I asked this question a while ago at statistics.SE
Tedlock uses the Briers score both in his earlier research and in the good judgement project.
http://faculty.engr.utexas.edu/bickel/Papers/QSL_Comparison.pdf is also worth reading
It's important to note that accuracy and calibration are two different things. I'm mentioning this because the OP asks for calibration metrics, but several answers so far give accuracy metrics. Any proper scoring rule is a measure of accuracy as opposed to calibration.
It is possible to be very well-calibrated but very inaccurate; for example, you might know that it is going to be Monday 1/7th of the time, so you give a probability of 1/7th. Everyone else just knows what day it is. On a calibration graph, you would be perfectly lined up; when you say 1/7th, the thing happens 1/7th of the time.

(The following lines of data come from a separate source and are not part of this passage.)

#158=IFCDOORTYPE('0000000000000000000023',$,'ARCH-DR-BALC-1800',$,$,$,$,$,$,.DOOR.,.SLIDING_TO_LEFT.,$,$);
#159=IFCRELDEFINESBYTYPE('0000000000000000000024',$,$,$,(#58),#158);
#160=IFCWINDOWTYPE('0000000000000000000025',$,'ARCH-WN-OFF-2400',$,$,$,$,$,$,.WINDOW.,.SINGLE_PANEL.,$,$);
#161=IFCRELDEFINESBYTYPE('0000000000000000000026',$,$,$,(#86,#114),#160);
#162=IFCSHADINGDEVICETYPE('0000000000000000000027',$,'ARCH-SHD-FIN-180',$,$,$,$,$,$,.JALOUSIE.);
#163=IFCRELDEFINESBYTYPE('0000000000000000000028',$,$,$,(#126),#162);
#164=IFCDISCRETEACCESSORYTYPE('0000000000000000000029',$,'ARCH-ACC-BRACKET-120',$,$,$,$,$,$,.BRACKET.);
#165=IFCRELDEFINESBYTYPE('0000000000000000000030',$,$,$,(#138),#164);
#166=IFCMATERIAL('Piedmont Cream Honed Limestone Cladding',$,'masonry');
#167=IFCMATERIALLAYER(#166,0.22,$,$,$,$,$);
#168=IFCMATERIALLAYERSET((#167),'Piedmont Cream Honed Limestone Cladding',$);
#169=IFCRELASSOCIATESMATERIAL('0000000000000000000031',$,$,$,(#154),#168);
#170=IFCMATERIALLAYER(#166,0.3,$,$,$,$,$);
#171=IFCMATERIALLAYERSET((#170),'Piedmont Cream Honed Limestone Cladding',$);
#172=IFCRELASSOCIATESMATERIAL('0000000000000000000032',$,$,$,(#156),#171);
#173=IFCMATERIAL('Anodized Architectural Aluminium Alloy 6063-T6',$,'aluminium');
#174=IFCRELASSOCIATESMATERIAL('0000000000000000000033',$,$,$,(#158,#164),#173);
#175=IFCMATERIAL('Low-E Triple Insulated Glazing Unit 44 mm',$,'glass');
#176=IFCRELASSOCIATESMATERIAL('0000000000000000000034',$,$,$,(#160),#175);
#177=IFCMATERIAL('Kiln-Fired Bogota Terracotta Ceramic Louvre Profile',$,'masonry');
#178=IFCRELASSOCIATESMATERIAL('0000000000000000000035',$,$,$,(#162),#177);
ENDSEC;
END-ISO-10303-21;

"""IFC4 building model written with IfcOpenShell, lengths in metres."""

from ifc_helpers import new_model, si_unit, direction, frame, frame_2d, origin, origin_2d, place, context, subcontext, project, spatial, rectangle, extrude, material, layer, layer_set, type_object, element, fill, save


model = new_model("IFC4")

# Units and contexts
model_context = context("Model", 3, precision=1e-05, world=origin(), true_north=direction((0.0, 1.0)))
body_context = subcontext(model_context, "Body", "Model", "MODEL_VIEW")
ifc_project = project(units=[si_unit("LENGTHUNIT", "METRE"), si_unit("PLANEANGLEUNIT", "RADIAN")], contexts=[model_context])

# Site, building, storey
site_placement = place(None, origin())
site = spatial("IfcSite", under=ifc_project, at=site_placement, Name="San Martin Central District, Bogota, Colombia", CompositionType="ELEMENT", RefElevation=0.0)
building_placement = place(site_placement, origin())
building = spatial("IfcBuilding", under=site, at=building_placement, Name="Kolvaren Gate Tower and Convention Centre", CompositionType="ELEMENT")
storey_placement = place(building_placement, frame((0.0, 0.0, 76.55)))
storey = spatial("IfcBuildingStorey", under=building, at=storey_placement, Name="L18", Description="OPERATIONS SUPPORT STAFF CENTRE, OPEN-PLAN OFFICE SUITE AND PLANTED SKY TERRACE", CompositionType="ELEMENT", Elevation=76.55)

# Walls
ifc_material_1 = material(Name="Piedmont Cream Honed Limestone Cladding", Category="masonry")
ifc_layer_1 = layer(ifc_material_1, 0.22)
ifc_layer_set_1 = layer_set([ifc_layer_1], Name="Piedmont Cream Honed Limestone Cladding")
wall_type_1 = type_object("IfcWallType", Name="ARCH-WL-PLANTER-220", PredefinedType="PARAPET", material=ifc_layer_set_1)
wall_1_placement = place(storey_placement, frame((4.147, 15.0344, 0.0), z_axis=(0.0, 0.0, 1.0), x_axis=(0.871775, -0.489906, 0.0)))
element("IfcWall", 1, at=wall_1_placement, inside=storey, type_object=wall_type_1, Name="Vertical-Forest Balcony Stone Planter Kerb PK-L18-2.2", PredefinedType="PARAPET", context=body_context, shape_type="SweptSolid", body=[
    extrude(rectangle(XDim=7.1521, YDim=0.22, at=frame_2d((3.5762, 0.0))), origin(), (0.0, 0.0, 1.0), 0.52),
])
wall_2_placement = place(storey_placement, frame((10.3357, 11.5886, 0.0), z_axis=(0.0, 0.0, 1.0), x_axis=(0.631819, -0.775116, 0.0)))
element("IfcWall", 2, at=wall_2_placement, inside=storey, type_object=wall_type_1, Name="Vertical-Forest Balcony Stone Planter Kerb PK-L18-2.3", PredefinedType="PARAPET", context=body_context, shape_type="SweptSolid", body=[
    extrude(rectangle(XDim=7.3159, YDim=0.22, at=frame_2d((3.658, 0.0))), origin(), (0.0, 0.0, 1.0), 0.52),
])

It is also possible to have high accuracy and poor calibration. Perhaps you can guess coin flips when no one else can, but you are wary of your precognitive powers, which makes you underconfident. So, you always place 60% probability on the event that actually happens (heads or tails). Your calibration graph is far out of line, but your accuracy is higher than anyone else.
In terms of improving rationality, the interesting thing about calibration is that (as in the precog example) if you know you're poorly calibrated, you can boost your accuracy simply by improving your calibration. In some sense it is a free improvement: you don't need to know anything more about the domain; you get more accurate just by knowing more about yourself (by seeing a calibration chart and adjusting).
However, if you just try to be more calibrated without any concern for accuracy, you could be like the person who says 1/7th. So, just aiming to do well on a score of calibration is not a good idea. This could be part of the reason why calibration charts are presented instead of calibration scores. (Another reason being that calibration charts help you know how to adjust to increase calibration.)
That being said, a decomposition of a proper scoring rule into components including a measure of calibration, like Dark Denego gives, seems like the way to go.
On platforms like PredictionBook, a user's credibility will be measured by looking at a histogram of all of their predictions (edit: After being told about "brier score", I have become able to notice that PredictionBook totally shows a brier score right under the histogram. Still, thinking about brier scores, they're not very good either. You can only maximise your brier score by betting on things you're certain of, it creates perverse incentives to avoid placing bets on uncertain events, which we already have enough of in natural discourse). For a perfectly well calibrated agent, exactly 90% of their 0.9 predictions should have come true, exactly 20% of their 0.2 predictions should have come true, etc. We can reduce a person's calibration to a number by, I suppose, getting the sum of squares of the differences of each histogram from its middle point (I don't know if that's how they do it).
But whatever they do with the histogram, I think I'll find it very unsatisfying, because the result are going to depend on what spacing we used for the histogram segments, and that's arbitrary. We could have a histogram with ten segments, or a histogram with fifty segments, we'll get different scores. I feel like there must be some exact.. continuous way of scoring a predictor's calibration, and that the math will probably be generally useful for other stuff. Is there a method?